Emergence of Kodak, Kodak Alaris

Finally, there was an extraordinary, win-win settlement with Kodak’s UK Pension Plan (KPP) in April 2013. It resulted in the spin-off of Kodak’s consumer businesses, including document scanners, to the KPP in exchange for the release of all of the company’s worldwide obligations to the KPP, including the waiver of its $2.8 billion bankruptcy claim and a $325 million cash payment from the KPP to Kodak. Working together, Kodak, the KPP and their advisors1 overcame a host of seemingly insurmountable hurdles to finalize this settlement in a matter of weeks.

The first set of challenges involved obtaining court and regulatory approvals. Kodak and the KPP were operating under an extremely tight timetable, leaving no room for a months-long auction process.

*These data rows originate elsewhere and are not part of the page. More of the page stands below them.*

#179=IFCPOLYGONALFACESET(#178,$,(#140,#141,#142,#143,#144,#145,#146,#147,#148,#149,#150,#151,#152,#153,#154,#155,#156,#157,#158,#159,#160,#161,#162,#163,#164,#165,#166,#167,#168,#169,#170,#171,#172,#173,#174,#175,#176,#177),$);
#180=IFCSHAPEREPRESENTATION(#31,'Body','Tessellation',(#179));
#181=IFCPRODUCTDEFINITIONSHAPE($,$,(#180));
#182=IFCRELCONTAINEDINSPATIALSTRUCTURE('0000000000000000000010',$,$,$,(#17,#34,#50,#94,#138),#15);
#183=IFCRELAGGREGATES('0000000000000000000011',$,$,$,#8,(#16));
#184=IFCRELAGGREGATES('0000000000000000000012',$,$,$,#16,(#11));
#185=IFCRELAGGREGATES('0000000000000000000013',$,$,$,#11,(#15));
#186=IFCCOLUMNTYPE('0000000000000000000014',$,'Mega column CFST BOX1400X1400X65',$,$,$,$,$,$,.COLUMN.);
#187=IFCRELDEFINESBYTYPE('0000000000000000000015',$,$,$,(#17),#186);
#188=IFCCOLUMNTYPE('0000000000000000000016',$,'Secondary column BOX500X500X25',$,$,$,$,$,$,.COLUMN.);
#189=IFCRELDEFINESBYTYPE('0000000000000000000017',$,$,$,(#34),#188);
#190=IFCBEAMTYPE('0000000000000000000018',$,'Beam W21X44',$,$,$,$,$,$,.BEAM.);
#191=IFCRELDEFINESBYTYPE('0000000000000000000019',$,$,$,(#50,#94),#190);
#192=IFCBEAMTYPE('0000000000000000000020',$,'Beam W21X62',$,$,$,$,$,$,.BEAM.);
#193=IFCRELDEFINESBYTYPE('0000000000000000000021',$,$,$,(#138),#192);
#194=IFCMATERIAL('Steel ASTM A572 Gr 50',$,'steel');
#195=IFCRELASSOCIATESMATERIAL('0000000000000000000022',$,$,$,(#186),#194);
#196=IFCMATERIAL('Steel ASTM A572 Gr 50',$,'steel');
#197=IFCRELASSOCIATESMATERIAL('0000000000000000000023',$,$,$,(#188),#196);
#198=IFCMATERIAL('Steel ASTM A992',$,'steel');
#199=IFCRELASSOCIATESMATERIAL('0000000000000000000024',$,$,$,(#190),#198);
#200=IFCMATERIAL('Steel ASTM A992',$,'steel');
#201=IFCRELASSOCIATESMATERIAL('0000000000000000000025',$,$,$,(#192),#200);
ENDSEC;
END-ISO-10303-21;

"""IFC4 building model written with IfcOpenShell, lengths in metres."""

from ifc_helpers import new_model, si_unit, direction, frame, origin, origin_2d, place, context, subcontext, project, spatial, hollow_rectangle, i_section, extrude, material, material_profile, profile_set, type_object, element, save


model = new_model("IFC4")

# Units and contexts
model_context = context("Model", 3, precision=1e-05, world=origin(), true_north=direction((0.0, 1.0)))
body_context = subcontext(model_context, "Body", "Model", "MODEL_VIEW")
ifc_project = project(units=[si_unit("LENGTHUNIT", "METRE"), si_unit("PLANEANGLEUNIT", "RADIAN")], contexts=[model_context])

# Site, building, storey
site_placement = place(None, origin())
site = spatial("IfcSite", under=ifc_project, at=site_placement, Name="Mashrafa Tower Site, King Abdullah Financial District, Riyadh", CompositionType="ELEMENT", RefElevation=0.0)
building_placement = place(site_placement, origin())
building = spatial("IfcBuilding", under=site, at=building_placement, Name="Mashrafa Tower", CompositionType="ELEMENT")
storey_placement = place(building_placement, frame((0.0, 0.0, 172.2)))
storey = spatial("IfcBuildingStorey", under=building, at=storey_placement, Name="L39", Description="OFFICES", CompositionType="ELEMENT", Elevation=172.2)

The parties, assisted by the Official Committee of Unsecured Creditors, convinced the U.S. bankruptcy court that Kodak’s sale to the KPP was the only viable path to bankruptcy emergence and would result in a value that could not be matched by any other potential bidder.

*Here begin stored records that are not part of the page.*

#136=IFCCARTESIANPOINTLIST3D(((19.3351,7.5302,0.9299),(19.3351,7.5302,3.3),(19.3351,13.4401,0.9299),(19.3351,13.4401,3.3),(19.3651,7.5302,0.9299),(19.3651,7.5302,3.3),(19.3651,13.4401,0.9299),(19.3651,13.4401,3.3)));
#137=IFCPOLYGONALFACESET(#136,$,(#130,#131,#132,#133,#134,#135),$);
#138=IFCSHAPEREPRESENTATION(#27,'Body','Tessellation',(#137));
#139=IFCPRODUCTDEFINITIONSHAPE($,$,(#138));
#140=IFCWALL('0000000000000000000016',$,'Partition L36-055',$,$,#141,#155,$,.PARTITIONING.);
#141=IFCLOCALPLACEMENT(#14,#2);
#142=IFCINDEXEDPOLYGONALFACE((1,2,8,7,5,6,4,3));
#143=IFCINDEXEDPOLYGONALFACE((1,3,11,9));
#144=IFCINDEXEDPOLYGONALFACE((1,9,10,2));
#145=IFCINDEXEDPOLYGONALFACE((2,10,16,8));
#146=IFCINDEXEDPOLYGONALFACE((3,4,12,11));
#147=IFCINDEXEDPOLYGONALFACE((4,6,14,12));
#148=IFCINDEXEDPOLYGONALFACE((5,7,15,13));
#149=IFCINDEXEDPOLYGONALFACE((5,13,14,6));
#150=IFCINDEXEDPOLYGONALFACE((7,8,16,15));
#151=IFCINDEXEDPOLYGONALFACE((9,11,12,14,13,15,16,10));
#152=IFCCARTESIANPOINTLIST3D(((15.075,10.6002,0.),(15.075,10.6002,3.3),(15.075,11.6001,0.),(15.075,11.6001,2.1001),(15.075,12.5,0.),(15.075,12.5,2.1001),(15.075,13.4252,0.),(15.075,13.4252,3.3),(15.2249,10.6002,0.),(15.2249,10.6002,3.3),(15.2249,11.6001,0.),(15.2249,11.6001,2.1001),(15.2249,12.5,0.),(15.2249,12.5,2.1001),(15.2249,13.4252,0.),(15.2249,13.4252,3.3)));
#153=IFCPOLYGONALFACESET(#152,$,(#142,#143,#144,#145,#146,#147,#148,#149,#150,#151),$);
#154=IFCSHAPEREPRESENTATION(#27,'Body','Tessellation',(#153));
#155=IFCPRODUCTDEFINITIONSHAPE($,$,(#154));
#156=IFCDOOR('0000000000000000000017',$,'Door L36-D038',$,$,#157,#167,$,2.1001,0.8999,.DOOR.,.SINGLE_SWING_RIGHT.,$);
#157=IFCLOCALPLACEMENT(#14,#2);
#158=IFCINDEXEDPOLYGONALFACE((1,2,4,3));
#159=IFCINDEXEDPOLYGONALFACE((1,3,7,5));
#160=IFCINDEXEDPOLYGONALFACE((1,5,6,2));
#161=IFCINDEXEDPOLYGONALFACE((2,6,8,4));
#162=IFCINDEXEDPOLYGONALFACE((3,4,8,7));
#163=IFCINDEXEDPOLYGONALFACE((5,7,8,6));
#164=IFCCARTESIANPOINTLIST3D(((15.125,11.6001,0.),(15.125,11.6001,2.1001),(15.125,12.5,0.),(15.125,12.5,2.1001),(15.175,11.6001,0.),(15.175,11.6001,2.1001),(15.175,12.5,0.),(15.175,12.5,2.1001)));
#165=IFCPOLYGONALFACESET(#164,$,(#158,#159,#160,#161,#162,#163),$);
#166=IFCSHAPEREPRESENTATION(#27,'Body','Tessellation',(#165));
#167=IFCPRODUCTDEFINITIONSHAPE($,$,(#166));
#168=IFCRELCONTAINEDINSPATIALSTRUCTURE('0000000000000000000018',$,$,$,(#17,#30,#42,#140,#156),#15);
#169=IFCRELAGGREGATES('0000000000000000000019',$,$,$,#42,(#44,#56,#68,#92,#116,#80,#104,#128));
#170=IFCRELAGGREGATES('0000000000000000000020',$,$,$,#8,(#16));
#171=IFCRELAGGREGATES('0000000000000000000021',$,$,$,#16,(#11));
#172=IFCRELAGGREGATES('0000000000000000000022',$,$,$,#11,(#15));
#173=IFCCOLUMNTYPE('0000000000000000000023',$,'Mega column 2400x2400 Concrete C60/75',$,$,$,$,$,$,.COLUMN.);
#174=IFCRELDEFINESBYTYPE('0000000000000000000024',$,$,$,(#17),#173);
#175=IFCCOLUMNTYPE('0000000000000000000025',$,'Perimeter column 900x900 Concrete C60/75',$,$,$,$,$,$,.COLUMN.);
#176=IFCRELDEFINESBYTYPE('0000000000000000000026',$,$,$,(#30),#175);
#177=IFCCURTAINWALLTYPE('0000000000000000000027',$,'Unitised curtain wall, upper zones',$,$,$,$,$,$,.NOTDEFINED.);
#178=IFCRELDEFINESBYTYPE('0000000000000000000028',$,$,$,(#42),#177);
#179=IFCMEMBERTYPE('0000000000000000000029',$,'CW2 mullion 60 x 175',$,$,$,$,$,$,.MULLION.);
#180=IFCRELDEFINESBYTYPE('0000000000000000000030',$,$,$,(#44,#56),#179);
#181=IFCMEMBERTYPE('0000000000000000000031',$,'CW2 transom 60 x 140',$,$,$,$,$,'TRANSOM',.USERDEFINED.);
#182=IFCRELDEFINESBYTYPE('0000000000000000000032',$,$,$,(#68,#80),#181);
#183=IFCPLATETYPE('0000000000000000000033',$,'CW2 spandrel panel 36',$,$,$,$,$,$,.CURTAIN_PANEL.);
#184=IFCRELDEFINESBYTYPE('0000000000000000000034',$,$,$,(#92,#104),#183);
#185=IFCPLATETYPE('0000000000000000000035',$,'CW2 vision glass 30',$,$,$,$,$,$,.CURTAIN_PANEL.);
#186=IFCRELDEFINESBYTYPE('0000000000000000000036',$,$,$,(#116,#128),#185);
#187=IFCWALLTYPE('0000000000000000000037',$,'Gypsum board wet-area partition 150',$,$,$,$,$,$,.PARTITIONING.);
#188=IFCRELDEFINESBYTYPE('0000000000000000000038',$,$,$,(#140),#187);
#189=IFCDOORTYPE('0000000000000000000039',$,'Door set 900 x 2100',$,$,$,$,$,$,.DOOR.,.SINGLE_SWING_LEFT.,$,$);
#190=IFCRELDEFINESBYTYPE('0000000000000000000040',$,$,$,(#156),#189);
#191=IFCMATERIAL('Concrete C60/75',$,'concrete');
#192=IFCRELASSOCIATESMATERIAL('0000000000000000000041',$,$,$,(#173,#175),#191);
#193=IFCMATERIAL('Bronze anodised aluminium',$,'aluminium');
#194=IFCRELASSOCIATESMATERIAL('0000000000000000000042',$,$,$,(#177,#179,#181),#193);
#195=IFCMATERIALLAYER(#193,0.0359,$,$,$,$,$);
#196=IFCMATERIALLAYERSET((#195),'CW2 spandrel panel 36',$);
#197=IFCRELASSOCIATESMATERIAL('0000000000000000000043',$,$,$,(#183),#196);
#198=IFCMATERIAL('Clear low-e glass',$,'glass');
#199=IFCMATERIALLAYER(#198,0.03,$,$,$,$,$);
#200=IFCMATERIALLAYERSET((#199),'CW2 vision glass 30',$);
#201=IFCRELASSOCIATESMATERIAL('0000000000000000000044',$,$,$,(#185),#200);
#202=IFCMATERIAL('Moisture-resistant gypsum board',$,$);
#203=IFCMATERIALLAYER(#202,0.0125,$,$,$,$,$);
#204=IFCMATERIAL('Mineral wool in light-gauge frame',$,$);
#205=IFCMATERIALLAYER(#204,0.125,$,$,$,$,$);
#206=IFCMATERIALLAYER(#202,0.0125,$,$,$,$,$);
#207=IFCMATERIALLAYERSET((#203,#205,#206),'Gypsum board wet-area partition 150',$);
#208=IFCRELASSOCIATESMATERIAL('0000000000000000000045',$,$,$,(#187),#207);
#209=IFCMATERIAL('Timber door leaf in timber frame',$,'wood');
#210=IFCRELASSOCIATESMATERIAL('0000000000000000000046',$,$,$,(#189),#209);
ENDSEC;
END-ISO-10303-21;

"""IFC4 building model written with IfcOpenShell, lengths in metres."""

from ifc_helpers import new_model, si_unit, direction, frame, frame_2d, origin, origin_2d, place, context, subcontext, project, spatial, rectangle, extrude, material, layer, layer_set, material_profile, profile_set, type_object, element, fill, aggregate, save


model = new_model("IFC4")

Next, the parties approached the UK Pensions Regulator. Under the agreement, the KPP would pay $325 million in plan assets to Kodak and receive in return businesses to own and operate to obtain recovery. The KPP secured regulatory approval by demonstrating that those businesses were stable, cash-producing assets that would generate more benefits to its pensioners than any other alternative available. But to obtain pensioner approvals, the KPP and its advisors had to undertake a town hall-style roadshow across the UK, explaining the transaction. Ultimately the plan received overwhelming pensioner support, with votes in favor representing more than 95% of the outstanding pension liabilities.

Even after the deal was approved, the parties faced a second set of challenges. To start, the KPP had never run a business before — no small issue. Therefore, Kodak and a team of advisors in 33 countries worked with the KPP to develop and execute an operations plan for the new company, now known as Kodak Alaris Holdings Ltd. (“Alaris” is a Latin word often translated as “wingman”). Equally challenging, the businesses had been fully integrated with the rest of Kodak for decades, raising a host of issues on how to separate employees, operations, finances and intellectual property.

In the end, the transaction created extraordinary value. It cleared the path for Kodak and Kodak Alaris to emerge from Chapter 11 as ongoing but separate businesses, preserved thousands of jobs and created two companies: a reorganized Kodak, owned by U.S. creditors and Kodak Alaris, owned by the KPP. It stands as one of the most innovative, unusual and successful deals ever consummated in the history of cross-border insolvency.

The Company Today

The reorganized Kodak emerged on September 3, 2013, with a right-sized capital structure and an annuity-based business model. Kodak’s operational EBITDA improved by over $375 million in 2013, and the company re-listed on the New York Stock Exchange in January 2014.

With its successful emergence from Chapter 11, Kodak is a now lean technology company focused on imaging innovation for business. That means offering products like the industry’s fastest full-color inkjet presses for commercial printing and publishing applications, software that automates the flow of work through a print shop, eye-popping ink colors, invisible imbedded inks used in anti-fraud and anti-counterfeit applications, chemical-free processing of printing plates, patented technologies for flexographic package printing, and partnerships with manufacturers to apply Kodak’s printing knowledge to functional materials, such as computer touchscreens. An iconic brand lives on — in two incarnations — to live perhaps for another century.

James Mesterharm is co-lead and Becky Roof is a managing director in the Turnaround & Restructuring Services group at AlixPartners, LLP, a global business-advisory firm (www.alixpartners.com).

Footnotes:

1. Advisors to the KPP included Ross Trustees, Hogan Lovells and Grant Thornton.